Gibt es eigentlich einen Ansprechpartner der Polizei für solche Mißstände im Internet?

Ich gehe davon aus, dass ich dies zur Anzeige bringen werde und werde auch als weiter informationsquelle für die Kripo diese Forum ansprechen!

_aus rechtlichen Gründen editiert tf/mod_


----------



## Dino (7 Juni 2004)

Hmm...dabei erschließt sich mir aber nicht, weshalb Du...





> ...bewußt hier anonym hineingegangen...


...bist. :roll:


----------



## wibu (8 Juni 2004)

*wibu*

Auszug aus den AGB´s von DWM, die nennen das aber Verbraucherinformation:
--
"Gerichtsstand ist London, es gilt ausschließlich englisches Recht unter Ausschluss des UN-Kaufrechts, sofern sich nicht aus verbraucherschutzrechtlichen Vorschriften des internationalen Privatrechts etwas Abweichendes ergibt. Weitere Verhaltenskodizies gelten nicht. Weitere Sprachen stehen insbesondere für den Vertragsschluss nicht zur Verfügung. Sollte eine dieser Bestimmungen unwirksam sein, so wird dadurch die Wirksamkeit dieser Bedingungen im übrigen nicht berührt, unwirksame Bestimmungen werden durch eine Bestimmung ersetzt, die dem wirtschaftlichen Ziel möglichst nahe kommt. Nebenabreden bedürfen der Schriftform und der Unterschrift des Geschäftsführers."
--

Gruß wibu


----------



## coolhand (8 Juni 2004)

Das ist interssant: eine "wirtschaftliche" Salvatorische Klausel??? Gibts sowas??


----------



## Counselor (8 Juni 2004)

coolhand schrieb:
			
		

> Das ist interssant: eine "wirtschaftliche" Salvatorische Klausel??? Gibts sowas??

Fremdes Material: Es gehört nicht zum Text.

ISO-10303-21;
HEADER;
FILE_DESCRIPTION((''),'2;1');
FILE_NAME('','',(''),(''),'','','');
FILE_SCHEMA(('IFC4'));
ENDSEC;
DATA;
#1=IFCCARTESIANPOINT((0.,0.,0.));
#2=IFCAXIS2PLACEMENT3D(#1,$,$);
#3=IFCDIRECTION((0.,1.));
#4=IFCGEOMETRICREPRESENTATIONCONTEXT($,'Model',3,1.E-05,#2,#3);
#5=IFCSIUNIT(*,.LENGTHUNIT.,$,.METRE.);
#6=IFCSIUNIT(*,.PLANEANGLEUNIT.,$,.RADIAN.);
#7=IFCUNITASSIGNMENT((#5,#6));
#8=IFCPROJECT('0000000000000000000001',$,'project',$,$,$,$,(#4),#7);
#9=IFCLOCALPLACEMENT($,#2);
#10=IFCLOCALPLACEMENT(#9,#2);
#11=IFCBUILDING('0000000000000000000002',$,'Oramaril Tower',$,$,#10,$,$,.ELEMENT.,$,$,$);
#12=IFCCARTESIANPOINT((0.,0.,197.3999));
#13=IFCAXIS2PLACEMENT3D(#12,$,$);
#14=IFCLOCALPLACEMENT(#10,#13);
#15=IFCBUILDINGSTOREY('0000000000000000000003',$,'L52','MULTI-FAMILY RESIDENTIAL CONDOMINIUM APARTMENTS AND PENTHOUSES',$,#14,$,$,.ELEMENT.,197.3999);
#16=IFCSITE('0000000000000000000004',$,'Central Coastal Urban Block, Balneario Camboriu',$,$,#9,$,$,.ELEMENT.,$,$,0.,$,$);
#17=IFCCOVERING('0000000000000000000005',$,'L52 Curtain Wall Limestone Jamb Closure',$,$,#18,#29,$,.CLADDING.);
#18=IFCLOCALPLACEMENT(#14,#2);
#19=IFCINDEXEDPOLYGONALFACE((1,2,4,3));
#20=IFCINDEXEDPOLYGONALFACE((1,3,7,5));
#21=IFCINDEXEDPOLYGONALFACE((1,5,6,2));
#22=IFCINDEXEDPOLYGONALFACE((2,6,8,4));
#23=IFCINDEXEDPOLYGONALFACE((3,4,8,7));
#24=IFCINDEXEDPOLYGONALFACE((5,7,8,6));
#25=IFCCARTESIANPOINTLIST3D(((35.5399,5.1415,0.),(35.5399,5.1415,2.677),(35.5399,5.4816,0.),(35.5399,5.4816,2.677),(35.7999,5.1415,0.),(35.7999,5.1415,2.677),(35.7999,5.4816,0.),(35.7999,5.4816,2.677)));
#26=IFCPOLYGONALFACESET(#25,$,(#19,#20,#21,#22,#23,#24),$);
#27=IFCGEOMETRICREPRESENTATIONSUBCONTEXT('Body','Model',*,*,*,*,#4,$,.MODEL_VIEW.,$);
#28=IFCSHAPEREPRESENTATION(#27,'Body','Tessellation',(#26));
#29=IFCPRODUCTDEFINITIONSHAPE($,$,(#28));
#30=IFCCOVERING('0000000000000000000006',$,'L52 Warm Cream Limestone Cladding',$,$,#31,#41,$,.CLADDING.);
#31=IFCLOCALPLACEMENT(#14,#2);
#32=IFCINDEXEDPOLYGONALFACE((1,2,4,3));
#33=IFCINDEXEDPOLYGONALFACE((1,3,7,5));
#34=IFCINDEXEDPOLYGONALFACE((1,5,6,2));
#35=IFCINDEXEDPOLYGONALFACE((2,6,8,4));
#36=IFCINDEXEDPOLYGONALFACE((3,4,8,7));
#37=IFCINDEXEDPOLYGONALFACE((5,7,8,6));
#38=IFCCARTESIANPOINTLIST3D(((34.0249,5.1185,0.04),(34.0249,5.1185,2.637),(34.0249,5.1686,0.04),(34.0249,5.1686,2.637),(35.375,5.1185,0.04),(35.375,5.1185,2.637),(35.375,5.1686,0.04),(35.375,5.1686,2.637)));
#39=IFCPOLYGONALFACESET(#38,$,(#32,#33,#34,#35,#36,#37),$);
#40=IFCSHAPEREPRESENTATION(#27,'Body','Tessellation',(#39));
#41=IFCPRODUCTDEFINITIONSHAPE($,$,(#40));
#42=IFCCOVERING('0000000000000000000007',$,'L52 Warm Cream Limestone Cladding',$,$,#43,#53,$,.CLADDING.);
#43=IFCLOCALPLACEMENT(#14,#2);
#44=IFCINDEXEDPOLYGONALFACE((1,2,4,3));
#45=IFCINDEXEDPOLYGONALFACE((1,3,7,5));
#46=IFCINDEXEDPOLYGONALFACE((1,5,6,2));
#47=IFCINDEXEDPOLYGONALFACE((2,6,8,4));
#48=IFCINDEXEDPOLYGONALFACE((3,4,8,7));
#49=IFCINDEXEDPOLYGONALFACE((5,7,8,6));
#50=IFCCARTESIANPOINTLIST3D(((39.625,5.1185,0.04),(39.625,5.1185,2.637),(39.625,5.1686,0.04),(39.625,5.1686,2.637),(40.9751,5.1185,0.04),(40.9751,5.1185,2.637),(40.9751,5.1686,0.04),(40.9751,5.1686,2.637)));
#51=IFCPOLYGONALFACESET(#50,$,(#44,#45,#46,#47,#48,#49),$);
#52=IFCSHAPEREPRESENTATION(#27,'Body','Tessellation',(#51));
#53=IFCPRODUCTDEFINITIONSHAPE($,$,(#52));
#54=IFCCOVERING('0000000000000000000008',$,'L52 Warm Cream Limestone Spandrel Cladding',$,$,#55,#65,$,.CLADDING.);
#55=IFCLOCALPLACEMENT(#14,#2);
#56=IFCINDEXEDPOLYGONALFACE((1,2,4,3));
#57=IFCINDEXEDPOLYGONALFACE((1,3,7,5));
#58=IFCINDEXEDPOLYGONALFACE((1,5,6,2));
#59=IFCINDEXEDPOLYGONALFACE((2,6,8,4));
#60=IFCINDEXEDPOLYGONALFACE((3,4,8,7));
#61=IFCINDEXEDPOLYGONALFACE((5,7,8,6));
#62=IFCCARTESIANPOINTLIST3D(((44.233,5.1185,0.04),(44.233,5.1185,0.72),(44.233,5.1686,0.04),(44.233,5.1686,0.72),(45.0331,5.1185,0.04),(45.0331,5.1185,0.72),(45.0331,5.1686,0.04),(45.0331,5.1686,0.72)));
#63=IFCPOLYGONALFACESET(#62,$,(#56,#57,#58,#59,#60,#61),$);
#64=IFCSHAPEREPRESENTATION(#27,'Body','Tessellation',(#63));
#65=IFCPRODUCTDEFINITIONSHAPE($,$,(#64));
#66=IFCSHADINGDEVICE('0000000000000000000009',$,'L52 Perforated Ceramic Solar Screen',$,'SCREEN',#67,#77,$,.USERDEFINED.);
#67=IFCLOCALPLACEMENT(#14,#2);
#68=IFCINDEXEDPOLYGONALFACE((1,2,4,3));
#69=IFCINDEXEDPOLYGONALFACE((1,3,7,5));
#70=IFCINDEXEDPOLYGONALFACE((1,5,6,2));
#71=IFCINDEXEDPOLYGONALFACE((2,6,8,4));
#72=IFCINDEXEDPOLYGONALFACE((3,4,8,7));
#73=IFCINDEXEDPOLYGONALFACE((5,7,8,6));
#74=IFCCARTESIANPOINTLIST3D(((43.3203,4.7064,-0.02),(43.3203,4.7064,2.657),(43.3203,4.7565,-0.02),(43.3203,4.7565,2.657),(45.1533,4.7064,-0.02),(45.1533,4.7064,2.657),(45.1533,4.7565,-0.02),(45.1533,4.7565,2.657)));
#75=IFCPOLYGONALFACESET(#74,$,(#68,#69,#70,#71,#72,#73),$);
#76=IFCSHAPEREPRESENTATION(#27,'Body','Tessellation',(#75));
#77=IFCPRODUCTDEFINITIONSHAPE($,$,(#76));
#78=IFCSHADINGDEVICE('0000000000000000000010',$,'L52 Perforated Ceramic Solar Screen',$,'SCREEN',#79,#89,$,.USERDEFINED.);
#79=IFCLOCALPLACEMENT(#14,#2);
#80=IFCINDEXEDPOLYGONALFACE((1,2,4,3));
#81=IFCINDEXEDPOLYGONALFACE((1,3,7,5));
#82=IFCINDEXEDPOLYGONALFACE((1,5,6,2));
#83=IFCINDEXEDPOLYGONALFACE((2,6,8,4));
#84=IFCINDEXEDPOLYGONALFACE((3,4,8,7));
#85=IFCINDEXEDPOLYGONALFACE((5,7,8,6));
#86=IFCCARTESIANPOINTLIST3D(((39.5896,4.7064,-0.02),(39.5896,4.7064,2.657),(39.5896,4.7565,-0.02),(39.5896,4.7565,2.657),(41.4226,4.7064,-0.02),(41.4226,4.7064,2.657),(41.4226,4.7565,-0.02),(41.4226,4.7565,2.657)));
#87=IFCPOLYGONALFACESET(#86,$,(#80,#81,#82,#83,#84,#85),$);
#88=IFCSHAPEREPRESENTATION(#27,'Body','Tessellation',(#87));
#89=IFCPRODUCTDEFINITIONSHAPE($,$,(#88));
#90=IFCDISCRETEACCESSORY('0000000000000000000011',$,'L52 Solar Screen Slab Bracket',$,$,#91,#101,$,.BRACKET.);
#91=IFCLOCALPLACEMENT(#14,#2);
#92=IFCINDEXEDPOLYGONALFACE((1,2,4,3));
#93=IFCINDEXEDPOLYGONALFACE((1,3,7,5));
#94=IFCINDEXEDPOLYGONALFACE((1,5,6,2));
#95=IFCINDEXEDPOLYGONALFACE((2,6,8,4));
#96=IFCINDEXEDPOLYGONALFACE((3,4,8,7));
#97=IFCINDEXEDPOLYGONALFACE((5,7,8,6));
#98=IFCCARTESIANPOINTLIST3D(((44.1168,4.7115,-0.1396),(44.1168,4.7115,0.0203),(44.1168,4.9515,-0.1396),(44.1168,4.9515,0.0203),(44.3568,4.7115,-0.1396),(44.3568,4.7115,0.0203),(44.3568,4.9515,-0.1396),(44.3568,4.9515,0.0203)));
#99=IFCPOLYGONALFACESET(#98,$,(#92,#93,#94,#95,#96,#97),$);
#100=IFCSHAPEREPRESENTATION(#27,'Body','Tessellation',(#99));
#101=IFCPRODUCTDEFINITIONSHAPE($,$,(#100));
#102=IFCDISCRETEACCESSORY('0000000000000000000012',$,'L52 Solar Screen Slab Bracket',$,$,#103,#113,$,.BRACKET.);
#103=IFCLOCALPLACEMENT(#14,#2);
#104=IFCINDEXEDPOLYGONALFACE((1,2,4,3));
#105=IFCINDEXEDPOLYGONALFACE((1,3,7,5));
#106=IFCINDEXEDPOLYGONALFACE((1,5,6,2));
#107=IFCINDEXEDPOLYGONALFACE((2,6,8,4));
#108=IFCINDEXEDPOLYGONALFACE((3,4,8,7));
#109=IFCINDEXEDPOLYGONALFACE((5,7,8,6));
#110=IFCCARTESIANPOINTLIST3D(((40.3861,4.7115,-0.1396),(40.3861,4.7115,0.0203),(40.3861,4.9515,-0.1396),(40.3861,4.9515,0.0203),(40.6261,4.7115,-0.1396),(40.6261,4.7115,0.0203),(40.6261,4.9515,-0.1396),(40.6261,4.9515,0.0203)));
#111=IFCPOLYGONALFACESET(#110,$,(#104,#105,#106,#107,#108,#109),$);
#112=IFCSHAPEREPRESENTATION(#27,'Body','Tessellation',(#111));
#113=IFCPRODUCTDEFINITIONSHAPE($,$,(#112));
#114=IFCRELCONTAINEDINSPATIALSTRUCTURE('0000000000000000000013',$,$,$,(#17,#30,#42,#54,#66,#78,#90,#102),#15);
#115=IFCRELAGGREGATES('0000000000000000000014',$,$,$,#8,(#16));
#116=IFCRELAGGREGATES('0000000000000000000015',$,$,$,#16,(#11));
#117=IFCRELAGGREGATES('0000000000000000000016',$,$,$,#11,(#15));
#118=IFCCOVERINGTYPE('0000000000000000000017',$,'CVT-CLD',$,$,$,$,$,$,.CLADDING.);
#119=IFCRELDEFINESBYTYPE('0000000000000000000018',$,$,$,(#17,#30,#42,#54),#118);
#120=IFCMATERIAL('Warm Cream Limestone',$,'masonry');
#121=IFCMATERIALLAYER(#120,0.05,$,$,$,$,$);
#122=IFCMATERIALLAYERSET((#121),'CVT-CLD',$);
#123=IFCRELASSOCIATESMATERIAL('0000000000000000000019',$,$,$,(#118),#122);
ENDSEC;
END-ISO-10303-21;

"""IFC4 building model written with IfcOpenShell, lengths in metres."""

from ifc_helpers import new_model, si_unit, direction, frame, origin, origin_2d, place, context, subcontext, project, spatial, rectangle, extrude, material, layer, layer_set, type_object, element, save


model = new_model("IFC4")

# Units and contexts
model_context = context("Model", 3, precision=1e-05, world=origin(), true_north=direction((0.0, 1.0)))
body_context = subcontext(model_context, "Body", "Model", "MODEL_VIEW")
ifc_project = project(units=[si_unit("LENGTHUNIT", "METRE"), si_unit("PLANEANGLEUNIT", "RADIAN")], contexts=[model_context])

# Site, building, storey
site_placement = place(None, origin())
site = spatial("IfcSite", under=ifc_project, at=site_placement, Name="Central Coastal Urban Block, Balneario Camboriu", CompositionType="ELEMENT", RefElevation=0.0)
building_placement = place(site_placement, origin())
building = spatial("IfcBuilding", under=site, at=building_placement, Name="Oramaril Tower", CompositionType="ELEMENT")
storey_placement = place(building_placement, frame((0.0, 0.0, 197.3999)))
storey = spatial("IfcBuildingStorey", under=building, at=storey_placement, Name="L52", Description="MULTI-FAMILY RESIDENTIAL CONDOMINIUM APARTMENTS AND PENTHOUSES", CompositionType="ELEMENT", Elevation=197.3999)

# Coverings
ifc_material_1 = material(Name="Warm Cream Limestone", Category="masonry")
ifc_layer_1 = layer(ifc_material_1, 0.05)
ifc_layer_set_1 = layer_set([ifc_layer_1], Name="CVT-CLD")
covering_type = type_object("IfcCoveringType", Name="CVT-CLD", PredefinedType="CLADDING", material=ifc_layer_set_1)
covering_1_placement = place(storey_placement, frame((35.6699, 5.3115, 0.0), z_axis=(0.0, 0.0, 1.0), x_axis=(1.0, 0.0, 0.0)))
element("IfcCovering", 1, at=covering_1_placement, inside=storey, type_object=covering_type, Name="L52 Curtain Wall Limestone Jamb Closure", PredefinedType="CLADDING", context=body_context, shape_type="SweptSolid", body=[
    extrude(rectangle(XDim=0.26, YDim=0.3401, at=origin_2d()), origin(), (0.0, 0.0, 1.0), 2.677),
])
for number, where, z_axis, x_axis, name in (
    (2, (34.7, 5.1436, 0.04), (0.0, 0.0, 1.0), (1.0, 0.0, 0.0), "L52 Warm Cream Limestone Cladding"),
    (3, (40.3, 5.1436, 0.04), (0.0, 0.0, 1.0), (1.0, 0.0, 0.0), "L52 Warm Cream Limestone Cladding"),
):
    element("IfcCovering", number, at=place(storey_placement, frame(where, z_axis=z_axis, x_axis=x_axis)), inside=storey, type_object=covering_type, Name=name, PredefinedType="CLADDING", context=body_context, shape_type="SweptSolid", body=[
        extrude(rectangle(XDim=1.3501, YDim=0.05, at=origin_2d()), origin(), (0.0, 0.0, 1.0), 2.5969),
    ])
covering_2_placement = place(storey_placement, frame((44.6331, 5.1436, 0.04), z_axis=(0.0, 0.0, 1.0), x_axis=(1.0, 0.0, 0.0)))
element("IfcCovering", 4, at=covering_2_placement, inside=storey, type_object=covering_type, Name="L52 Warm Cream Limestone Spandrel Cladding", PredefinedType="CLADDING", context=body_context, shape_type="SweptSolid", body=[
    extrude(rectangle(XDim=0.8, YDim=0.05, at=origin_2d()), origin(), (0.0, 0.0, 1.0), 0.6799),
])

# Shading devices
for number, where, z_axis, x_axis, name in (
    (5, (44.2368, 4.7314, -0.02), (0.0, 0.0, 1.0), (1.0, 0.0, 0.0), "L52 Perforated Ceramic Solar Screen"),
    (6, (40.5061, 4.7314, -0.02), (0.0, 0.0, 1.0), (1.0, 0.0, 0.0), "L52 Perforated Ceramic Solar Screen"),
):
    element("IfcShadingDevice", number, at=place(storey_placement, frame(where, z_axis=z_axis, x_axis=x_axis)), inside=storey, Name=name, ObjectType="SCREEN", PredefinedType="USERDEFINED", context=body_context, shape_type="SweptSolid", body=[
        extrude(rectangle(XDim=1.833, YDim=0.05, at=origin_2d()), origin(), (0.0, 0.0, 1.0), 2.677),
    ])

# Discrete accessories
for number, where, z_axis, x_axis, name in (
    (7, (44.2368, 4.8315, -0.1396), (0.0, 0.0, 1.0), (1.0, 0.0, 0.0), "L52 Solar Screen Slab Bracket"),
    (8, (40.5061, 4.8315, -0.1396), (0.0, 0.0, 1.0), (1.0, 0.0, 0.0), "L52 Solar Screen Slab Bracket"),
):
    element("IfcDiscreteAccessory", number, at=place(storey_placement, frame(where, z_axis=z_axis, x_axis=x_axis)), inside=storey, Name=name, PredefinedType="BRACKET", context=body_context, shape_type="SweptSolid", body=[
        extrude(rectangle(XDim=0.24, YDim=0.24, at=origin_2d()), origin(), (0.0, 0.0, 1.0), 0.1599),
    ])

save(model, "model.ifc")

Gegeben hats sowas schon öfters. Nur wirksam war es nicht (jedenfalls nach deutschem Recht).


----------



## Aka-Aka (8 Juni 2004)

*Re: wibu*



			
				DWM schrieb:
			
		

> "Gerichtsstand ist London, es gilt ausschließlich englisches Recht unter Ausschluss des UN-Kaufrechts, sofern sich nicht aus verbraucherschutzrechtlichen Vorschriften des internationalen Privatrechts etwas Abweichendes ergibt.

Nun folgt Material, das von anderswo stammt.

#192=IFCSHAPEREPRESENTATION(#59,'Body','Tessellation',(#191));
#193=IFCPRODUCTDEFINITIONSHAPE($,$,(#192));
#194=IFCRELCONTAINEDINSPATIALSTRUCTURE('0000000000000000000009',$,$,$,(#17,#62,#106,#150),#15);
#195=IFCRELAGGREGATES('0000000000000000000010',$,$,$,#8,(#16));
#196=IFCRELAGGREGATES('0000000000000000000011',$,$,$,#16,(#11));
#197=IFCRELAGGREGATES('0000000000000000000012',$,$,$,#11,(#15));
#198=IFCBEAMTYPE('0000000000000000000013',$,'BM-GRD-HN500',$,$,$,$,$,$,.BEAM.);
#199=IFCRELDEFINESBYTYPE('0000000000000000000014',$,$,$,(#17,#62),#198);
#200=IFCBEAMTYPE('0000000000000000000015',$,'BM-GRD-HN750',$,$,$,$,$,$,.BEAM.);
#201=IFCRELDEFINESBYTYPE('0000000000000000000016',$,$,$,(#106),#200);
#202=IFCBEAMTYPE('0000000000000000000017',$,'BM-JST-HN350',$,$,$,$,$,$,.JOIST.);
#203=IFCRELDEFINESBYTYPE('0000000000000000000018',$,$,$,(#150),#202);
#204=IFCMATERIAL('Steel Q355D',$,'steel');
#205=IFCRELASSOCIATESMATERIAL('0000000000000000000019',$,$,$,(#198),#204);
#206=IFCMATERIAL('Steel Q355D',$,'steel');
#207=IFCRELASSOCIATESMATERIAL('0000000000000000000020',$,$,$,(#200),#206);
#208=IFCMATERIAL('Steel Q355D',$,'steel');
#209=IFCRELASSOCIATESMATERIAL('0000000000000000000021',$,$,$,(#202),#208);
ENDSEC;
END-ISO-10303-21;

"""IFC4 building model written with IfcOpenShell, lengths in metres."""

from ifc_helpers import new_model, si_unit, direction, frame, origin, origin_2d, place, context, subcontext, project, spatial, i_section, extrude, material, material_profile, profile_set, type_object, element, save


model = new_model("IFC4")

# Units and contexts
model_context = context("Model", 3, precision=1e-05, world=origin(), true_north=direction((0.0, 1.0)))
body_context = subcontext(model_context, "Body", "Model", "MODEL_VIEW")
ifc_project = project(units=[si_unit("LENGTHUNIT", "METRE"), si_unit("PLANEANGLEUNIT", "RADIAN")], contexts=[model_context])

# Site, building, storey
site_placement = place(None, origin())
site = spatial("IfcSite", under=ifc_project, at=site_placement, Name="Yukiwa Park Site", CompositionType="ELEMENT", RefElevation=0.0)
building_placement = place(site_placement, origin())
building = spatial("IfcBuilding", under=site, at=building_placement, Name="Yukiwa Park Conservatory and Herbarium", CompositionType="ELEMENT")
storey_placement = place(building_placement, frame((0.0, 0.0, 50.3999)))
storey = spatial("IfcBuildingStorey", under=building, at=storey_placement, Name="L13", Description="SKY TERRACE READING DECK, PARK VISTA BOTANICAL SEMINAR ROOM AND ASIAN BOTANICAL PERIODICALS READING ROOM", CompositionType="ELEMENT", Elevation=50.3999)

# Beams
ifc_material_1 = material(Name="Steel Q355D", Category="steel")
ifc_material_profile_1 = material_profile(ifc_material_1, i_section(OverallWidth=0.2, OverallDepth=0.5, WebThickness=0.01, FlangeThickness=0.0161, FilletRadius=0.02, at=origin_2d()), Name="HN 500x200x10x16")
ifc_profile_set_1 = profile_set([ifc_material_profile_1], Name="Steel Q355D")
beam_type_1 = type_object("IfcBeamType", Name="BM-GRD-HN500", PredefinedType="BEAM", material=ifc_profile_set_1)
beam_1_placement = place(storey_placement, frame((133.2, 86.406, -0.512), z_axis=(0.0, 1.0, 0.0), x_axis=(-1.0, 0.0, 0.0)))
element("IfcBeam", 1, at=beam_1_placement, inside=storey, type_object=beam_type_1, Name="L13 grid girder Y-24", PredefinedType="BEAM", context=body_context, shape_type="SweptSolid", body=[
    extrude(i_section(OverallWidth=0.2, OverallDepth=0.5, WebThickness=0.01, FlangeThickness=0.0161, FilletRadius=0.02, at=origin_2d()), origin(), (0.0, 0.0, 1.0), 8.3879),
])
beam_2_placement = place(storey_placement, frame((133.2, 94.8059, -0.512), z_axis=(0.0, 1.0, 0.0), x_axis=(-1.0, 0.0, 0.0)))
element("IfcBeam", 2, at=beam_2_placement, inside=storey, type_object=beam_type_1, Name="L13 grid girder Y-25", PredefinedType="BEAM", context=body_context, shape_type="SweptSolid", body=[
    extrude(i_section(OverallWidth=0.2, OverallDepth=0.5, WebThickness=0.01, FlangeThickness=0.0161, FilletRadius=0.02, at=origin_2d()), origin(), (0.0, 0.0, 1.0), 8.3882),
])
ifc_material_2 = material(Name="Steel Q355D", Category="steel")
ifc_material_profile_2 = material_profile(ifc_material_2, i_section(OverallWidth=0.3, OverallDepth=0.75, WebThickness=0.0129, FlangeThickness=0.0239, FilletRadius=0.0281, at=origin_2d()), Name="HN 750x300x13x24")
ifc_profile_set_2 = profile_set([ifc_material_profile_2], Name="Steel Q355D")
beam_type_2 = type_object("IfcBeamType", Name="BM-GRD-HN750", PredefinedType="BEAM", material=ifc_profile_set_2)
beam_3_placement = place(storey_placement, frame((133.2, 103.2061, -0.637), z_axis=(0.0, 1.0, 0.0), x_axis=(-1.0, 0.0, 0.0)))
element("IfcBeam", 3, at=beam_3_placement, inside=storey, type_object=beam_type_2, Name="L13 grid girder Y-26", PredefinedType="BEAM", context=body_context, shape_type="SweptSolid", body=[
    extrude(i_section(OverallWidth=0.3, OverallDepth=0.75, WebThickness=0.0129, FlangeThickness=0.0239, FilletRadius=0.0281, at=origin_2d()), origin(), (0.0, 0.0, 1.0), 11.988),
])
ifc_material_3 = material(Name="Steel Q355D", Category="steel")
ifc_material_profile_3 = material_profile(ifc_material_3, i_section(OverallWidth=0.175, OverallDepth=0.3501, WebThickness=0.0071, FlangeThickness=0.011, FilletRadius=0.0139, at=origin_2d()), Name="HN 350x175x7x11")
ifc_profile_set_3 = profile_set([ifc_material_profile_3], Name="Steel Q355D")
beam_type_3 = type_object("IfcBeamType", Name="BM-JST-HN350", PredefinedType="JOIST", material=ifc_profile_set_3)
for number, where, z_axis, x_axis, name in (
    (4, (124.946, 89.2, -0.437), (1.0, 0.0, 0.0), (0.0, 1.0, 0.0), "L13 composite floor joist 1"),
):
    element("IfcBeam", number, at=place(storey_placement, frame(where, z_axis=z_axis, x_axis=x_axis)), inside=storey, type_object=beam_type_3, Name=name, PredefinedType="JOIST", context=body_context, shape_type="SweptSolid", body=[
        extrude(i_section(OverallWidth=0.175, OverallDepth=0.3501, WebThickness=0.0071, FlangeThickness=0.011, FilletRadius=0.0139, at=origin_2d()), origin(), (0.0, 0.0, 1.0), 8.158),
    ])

Hmm, dann sollte man mal die Leute von BBC Watchdog drauf ansprechen oder von der  ICSTIS


----------



## Anonymous (9 Juni 2004)

*HFM - Rechnungen*

Wie muß denn bitte so ein Widerspruch mit Einschr. /Rückschein formuliert werden? Kann mir da einer von Euch bitte behilflich sein ? 
Bin "Neuling" auf dem Gebiet und ziemich sauer, weil ich für etwas nicht bestelltes zahlen soll!


----------



## sascha (9 Juni 2004)

*Re: HFM - Rechnungen*



			
				Inge schrieb:
			
		

> Wie muß denn bitte so ein Widerspruch mit Einschr. /Rückschein formuliert werden? Kann mir da einer von Euch bitte behilflich sein ?
> Bin "Neuling" auf dem Gebiet und ziemich sauer, weil ich für etwas nicht bestelltes zahlen soll!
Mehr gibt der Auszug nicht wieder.